Pyramidal Cells in Piriform Cortex Receive Convergent Input from Distinct Olfactory Bulb Glomeruli

Center for Neural Circuits and Behavior, Neuroscience Department, School of Medicine, Neurobiology Section, Division of Biology, and Howard Hughes Medical Institute, University of California, San Diego, La Jolla, California 92093-0634, USA.
The Journal of Neuroscience : The Official Journal of the Society for Neuroscience (Impact Factor: 6.34). 10/2010; 30(42):14255-60. DOI: 10.1523/JNEUROSCI.2747-10.2010
Source: PubMed


Pyramidal cells in piriform cortex integrate sensory information from multiple olfactory bulb mitral and tufted (M/T) cells. However, whether M/T cells belonging to different olfactory bulb glomeruli converge onto individual cortical cells is unclear.

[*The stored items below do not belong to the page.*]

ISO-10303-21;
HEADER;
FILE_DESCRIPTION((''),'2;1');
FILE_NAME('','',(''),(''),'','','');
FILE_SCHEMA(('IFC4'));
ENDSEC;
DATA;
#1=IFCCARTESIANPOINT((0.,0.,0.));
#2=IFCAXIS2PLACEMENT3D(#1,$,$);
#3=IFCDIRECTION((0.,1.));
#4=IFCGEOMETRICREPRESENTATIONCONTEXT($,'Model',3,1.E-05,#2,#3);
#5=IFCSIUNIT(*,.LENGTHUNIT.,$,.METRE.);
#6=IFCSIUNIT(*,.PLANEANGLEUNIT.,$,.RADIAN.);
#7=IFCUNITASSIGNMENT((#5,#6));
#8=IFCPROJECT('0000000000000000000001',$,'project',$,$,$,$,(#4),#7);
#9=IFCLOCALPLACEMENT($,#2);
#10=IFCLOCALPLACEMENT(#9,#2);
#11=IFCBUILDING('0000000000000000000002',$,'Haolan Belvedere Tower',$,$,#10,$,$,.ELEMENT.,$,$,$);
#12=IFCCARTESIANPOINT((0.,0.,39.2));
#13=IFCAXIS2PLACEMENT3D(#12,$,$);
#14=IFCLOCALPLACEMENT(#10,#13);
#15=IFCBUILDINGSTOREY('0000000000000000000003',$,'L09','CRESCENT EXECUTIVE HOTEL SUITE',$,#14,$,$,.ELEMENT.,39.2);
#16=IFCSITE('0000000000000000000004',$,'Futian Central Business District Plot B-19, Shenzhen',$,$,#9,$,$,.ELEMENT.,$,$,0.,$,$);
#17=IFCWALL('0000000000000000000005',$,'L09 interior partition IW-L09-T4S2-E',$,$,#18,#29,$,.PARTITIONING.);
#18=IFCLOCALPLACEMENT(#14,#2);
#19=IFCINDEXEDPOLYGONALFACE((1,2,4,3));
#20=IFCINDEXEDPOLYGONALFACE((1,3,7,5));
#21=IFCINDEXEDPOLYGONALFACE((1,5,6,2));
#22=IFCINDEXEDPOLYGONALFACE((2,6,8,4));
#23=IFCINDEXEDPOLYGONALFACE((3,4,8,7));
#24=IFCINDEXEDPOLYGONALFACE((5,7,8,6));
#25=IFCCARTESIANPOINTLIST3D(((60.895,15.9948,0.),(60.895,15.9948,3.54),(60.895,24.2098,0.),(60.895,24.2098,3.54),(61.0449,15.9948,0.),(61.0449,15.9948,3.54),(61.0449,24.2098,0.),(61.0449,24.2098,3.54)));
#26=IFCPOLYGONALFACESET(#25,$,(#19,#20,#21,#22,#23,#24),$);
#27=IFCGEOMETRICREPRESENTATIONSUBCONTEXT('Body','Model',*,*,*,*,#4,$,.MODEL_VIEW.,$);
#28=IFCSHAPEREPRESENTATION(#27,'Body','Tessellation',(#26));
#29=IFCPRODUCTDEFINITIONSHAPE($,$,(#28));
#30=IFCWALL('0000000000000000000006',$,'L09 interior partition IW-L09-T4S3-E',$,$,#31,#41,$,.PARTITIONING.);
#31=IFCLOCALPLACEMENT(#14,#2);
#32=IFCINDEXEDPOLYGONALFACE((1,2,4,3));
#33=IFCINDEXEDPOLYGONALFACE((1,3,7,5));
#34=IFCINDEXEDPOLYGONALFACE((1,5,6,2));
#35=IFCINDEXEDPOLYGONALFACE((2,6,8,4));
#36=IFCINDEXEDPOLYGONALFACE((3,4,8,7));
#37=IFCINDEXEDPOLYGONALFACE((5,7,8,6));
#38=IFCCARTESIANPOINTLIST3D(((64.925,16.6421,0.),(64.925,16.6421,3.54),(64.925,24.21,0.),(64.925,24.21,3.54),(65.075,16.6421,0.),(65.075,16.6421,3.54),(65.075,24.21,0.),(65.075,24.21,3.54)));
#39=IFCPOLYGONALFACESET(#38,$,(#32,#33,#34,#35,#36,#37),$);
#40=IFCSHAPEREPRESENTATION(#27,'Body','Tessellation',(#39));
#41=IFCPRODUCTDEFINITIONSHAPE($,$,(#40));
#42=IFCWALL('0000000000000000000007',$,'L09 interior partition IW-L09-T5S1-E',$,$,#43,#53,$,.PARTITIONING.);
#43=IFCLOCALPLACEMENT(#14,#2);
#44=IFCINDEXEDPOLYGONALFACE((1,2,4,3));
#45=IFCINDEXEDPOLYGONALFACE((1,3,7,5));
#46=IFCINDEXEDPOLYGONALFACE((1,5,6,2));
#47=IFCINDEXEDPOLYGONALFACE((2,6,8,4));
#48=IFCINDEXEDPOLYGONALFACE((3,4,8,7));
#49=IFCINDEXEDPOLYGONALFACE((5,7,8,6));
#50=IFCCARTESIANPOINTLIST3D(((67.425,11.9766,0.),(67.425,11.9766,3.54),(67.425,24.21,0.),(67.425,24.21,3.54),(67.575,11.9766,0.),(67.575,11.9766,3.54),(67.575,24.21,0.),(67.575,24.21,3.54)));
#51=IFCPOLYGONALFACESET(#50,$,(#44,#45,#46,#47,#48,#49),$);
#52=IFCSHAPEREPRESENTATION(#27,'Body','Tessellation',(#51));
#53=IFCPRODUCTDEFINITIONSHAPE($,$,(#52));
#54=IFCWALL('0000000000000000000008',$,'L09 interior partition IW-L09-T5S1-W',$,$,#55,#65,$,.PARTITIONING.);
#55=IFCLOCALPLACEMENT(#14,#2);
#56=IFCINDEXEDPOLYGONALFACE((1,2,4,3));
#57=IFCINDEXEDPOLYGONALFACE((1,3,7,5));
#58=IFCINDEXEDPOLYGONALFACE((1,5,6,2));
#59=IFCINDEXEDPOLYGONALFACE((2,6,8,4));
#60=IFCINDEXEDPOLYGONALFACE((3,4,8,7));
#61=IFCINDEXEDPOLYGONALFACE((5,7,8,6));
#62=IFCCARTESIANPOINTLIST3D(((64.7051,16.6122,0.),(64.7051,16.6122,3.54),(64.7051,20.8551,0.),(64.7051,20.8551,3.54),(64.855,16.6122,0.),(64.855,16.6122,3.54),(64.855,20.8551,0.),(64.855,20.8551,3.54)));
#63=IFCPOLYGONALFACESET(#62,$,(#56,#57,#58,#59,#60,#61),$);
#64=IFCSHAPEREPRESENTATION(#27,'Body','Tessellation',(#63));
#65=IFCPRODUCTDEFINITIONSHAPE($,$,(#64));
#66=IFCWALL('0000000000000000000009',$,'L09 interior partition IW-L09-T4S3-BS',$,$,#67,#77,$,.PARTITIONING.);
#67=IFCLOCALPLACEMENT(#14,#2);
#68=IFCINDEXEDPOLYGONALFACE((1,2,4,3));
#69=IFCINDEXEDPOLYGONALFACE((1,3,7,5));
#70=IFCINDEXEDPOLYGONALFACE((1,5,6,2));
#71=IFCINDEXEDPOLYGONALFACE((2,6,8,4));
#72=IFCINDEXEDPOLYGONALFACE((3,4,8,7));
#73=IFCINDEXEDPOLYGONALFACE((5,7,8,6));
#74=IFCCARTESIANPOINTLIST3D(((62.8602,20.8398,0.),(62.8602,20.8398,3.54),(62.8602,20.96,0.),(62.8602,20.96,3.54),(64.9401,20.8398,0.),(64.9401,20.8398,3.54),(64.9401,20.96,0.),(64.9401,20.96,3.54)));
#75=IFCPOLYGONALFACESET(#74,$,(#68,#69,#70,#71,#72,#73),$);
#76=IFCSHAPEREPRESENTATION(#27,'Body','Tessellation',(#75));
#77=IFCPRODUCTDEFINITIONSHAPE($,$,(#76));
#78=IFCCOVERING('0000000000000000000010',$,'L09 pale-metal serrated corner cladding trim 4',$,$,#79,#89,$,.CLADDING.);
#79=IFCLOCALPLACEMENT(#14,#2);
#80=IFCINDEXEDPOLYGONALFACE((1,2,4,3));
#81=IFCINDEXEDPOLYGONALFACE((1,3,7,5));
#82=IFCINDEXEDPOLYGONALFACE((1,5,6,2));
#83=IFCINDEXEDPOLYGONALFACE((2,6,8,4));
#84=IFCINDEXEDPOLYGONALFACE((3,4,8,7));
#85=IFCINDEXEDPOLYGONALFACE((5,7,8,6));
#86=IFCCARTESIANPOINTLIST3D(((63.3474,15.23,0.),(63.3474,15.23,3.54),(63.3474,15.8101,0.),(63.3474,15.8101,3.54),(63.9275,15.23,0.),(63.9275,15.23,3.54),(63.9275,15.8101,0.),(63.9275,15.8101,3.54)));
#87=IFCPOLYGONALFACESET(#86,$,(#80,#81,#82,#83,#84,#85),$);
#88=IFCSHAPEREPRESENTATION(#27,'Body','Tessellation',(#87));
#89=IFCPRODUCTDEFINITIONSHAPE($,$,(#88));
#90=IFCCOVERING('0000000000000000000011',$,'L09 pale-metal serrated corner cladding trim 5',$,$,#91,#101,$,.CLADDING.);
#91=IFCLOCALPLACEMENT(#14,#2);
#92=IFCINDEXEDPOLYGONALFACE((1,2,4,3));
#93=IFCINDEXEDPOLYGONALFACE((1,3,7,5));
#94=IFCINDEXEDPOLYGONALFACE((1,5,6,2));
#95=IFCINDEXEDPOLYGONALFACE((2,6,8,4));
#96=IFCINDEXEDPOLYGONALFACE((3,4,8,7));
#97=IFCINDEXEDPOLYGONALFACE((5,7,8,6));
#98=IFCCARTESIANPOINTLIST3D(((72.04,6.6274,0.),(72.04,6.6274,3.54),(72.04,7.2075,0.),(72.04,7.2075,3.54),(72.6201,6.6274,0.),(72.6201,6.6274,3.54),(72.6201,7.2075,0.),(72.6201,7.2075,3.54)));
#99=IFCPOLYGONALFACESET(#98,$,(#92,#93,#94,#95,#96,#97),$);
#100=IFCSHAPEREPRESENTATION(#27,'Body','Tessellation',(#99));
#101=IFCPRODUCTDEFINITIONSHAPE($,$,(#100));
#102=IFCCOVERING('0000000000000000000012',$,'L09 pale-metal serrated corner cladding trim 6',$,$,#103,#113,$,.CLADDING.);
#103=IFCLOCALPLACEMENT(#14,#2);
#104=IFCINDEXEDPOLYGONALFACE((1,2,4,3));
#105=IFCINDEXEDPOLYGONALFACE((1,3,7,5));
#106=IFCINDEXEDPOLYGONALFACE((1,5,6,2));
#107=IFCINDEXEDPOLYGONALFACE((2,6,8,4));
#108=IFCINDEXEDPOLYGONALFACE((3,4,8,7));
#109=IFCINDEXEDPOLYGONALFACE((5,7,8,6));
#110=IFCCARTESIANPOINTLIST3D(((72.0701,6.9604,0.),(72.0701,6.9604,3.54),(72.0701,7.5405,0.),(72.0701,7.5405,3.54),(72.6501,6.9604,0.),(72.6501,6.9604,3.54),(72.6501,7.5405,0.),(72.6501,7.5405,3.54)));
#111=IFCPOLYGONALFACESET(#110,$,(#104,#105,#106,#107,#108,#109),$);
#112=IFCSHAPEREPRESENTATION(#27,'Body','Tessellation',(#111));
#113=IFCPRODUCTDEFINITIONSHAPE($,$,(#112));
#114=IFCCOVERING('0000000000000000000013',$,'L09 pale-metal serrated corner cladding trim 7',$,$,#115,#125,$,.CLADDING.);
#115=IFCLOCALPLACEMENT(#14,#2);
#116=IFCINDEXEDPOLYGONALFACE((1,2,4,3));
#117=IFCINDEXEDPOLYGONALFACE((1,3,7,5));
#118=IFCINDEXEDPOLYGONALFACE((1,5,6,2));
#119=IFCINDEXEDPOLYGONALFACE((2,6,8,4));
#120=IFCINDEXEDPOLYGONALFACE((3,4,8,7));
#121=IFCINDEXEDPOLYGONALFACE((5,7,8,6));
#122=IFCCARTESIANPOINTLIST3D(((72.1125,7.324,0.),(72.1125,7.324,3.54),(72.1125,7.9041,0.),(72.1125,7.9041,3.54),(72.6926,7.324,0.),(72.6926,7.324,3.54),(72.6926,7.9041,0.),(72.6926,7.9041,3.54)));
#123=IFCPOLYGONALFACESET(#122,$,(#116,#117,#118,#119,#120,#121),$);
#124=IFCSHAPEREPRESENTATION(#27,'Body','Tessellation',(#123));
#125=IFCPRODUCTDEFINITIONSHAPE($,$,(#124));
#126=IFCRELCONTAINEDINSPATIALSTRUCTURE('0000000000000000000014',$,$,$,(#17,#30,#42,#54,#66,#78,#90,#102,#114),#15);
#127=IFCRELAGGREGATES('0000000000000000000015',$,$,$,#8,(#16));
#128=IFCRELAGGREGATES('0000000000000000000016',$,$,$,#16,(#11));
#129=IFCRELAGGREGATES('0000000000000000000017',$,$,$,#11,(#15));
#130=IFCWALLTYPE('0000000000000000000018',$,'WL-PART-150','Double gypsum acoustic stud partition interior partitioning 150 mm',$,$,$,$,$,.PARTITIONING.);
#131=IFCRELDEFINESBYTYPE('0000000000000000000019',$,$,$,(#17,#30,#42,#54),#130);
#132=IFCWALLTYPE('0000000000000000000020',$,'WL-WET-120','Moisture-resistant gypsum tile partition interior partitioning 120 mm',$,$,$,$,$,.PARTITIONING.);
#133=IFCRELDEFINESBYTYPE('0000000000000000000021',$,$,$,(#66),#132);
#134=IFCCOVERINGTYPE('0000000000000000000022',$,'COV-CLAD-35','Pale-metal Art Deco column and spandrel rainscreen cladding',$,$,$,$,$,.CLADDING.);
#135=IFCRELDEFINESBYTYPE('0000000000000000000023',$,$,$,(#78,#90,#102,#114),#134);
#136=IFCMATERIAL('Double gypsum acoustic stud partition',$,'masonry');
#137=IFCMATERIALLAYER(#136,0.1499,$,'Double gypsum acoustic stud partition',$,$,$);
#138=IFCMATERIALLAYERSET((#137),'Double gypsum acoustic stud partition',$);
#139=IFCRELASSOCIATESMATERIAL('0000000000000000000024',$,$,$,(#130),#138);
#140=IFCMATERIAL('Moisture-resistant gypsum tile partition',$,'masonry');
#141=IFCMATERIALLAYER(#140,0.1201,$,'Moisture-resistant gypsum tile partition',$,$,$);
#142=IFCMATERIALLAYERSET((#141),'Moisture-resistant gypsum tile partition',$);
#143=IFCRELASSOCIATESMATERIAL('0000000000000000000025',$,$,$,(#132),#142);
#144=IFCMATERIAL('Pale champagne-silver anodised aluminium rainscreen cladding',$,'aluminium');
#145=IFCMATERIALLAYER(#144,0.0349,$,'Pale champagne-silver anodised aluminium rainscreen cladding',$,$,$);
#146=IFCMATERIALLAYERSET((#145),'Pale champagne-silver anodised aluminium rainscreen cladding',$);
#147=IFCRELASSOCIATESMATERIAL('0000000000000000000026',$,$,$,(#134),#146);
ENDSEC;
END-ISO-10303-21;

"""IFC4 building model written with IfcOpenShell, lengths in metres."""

from ifc_helpers import new_model, si_unit, direction, frame, frame_2d, origin, origin_2d, place, context, subcontext, project, spatial, rectangle, extrude, material, layer, layer_set, type_object, element, save


model = new_model("IFC4")

# Units and contexts
model_context = context("Model", 3, precision=1e-05, world=origin(), true_north=direction((0.0, 1.0)))
body_context = subcontext(model_context, "Body", "Model", "MODEL_VIEW")
ifc_project = project(units=[si_unit("LENGTHUNIT", "METRE"), si_unit("PLANEANGLEUNIT", "RADIAN")], contexts=[model_context])

# Site, building, storey
site_placement = place(None, origin())
site = spatial("IfcSite", under=ifc_project, at=site_placement, Name="Futian Central Business District Plot B-19, Shenzhen", CompositionType="ELEMENT", RefElevation=0.0)
building_placement = place(site_placement, origin())
building = spatial("IfcBuilding", under=site, at=building_placement, Name="Haolan Belvedere Tower", CompositionType="ELEMENT")
storey_placement = place(building_placement, frame((0.0, 0.0, 39.2)))
storey = spatial("IfcBuildingStorey", under=building, at=storey_placement, Name="L09", Description="CRESCENT EXECUTIVE HOTEL SUITE", CompositionType="ELEMENT", Elevation=39.2)

# Walls
ifc_material_1 = material(Name="Double gypsum acoustic stud partition", Category="masonry")
ifc_layer_1 = layer(ifc_material_1, 0.1499, Name="Double gypsum acoustic stud partition")
ifc_layer_set_1 = layer_set([ifc_layer_1], Name="Double gypsum acoustic stud partition")
wall_type_1 = type_object("IfcWallType", Name="WL-PART-150", Description="Double gypsum acoustic stud partition interior partitioning 150 mm", PredefinedType="PARTITIONING", material=ifc_layer_set_1)
wall_1_placement = place(storey_placement, frame((60.97, 15.9949, 0.0), z_axis=(0.0, 0.0, 1.0), x_axis=(0.0, 1.0, 0.0)))
element("IfcWall", 1, at=wall_1_placement, inside=storey, type_object=wall_type_1, Name="L09 interior partition IW-L09-T4S2-E", PredefinedType="PARTITIONING", context=body_context, shape_type="SweptSolid", body=[
    extrude(rectangle(XDim=8.2151, YDim=0.1499, at=frame_2d((4.1074, 0.0))), origin(), (0.0, 0.0, 1.0), 3.54),
])
wall_2_placement = place(storey_placement, frame((65.0, 16.6421, 0.0), z_axis=(0.0, 0.0, 1.0), x_axis=(0.0, 1.0, 0.0)))
element("IfcWall", 2, at=wall_2_placement, inside=storey, type_object=wall_type_1, Name="L09 interior partition IW-L09-T4S3-E", PredefinedType="PARTITIONING", context=body_context, shape_type="SweptSolid", body=[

Here we use calcium imaging in an olfactory bulb-cortex slice preparation to provide direct evidence that neurons in piriform cortex receive convergent synaptic input from different glomeruli. We show that the combined activity of distinct glomerular pathways recruits ensembles of pyramidal cells that are not activated by the individual pathways alone. This cooperative recruitment of cortical neurons only occurs over a narrow time window and is a feature intrinsic to the olfactory cortex that can be explained by the integration of converging, subthreshold synaptic input. Cooperative recruitment enhances the differences between cortical representations of partially overlapping input patterns and may contribute to the initial steps of olfactory discrimination.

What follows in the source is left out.